La corporazione dei magistrati ha addirittura minacciato scioperi e denunciato la riforma come un grave attacco. Qualcosa di buono dunque ci deve essere, no?
«È la tattica di chi protesta per far capire che è cambiato qualcosa, mentre ha prevalso il principio gattopardesco: “cambiare tutto per non cambiare niente”. È la storia del conservatorismo di questo paese. L’Anm protesta per l’introduzione di un curriculum delle attività svolte dal giudice o per la perdita, seppure iniziale, di un qualche privilegio oppure di una certa centralità politica?».
Con partiti come M5S o Lega, far passare riforme incisive su temi delicati si sta rivelando impossibile?
«Il punto è che le bandierine dei partiti spesso creano un muro contro muro che è nemico del processo migliorativo.

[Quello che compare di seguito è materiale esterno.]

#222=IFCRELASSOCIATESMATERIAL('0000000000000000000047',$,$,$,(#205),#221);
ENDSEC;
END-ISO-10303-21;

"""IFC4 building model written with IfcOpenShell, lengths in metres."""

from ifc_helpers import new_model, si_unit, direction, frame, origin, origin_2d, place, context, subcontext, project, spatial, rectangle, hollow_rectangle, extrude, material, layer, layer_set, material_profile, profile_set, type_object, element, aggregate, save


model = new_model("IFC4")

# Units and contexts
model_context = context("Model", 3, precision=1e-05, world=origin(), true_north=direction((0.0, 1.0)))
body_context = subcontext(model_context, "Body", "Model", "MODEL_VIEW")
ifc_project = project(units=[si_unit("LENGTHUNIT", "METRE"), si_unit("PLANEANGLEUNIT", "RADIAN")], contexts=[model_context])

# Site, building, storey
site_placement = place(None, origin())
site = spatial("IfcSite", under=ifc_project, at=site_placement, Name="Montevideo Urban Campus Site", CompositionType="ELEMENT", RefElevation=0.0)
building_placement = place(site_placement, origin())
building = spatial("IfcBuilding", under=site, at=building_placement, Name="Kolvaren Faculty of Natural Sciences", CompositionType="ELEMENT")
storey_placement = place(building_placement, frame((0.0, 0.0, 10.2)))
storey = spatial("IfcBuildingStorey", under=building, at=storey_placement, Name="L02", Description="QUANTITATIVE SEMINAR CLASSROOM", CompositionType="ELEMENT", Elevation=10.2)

Si veda il caso scuola del Ddl Zan».
Ora ci sono i referendum. Farete campagna per il sì?
«A questo punto sono un’occasione da non perdere: i cittadini devono avere la possibilità di esprimersi dando un chiaro indirizzo alla politica. Io li ho firmati con convinzione».
La decisione di votare un solo giorno, a giugno, rischia di nuocere alla partecipazione?
«Mi auguro di no ma certamente la scelta non è premiante. Il referendum andrebbe spalmato su due giorni».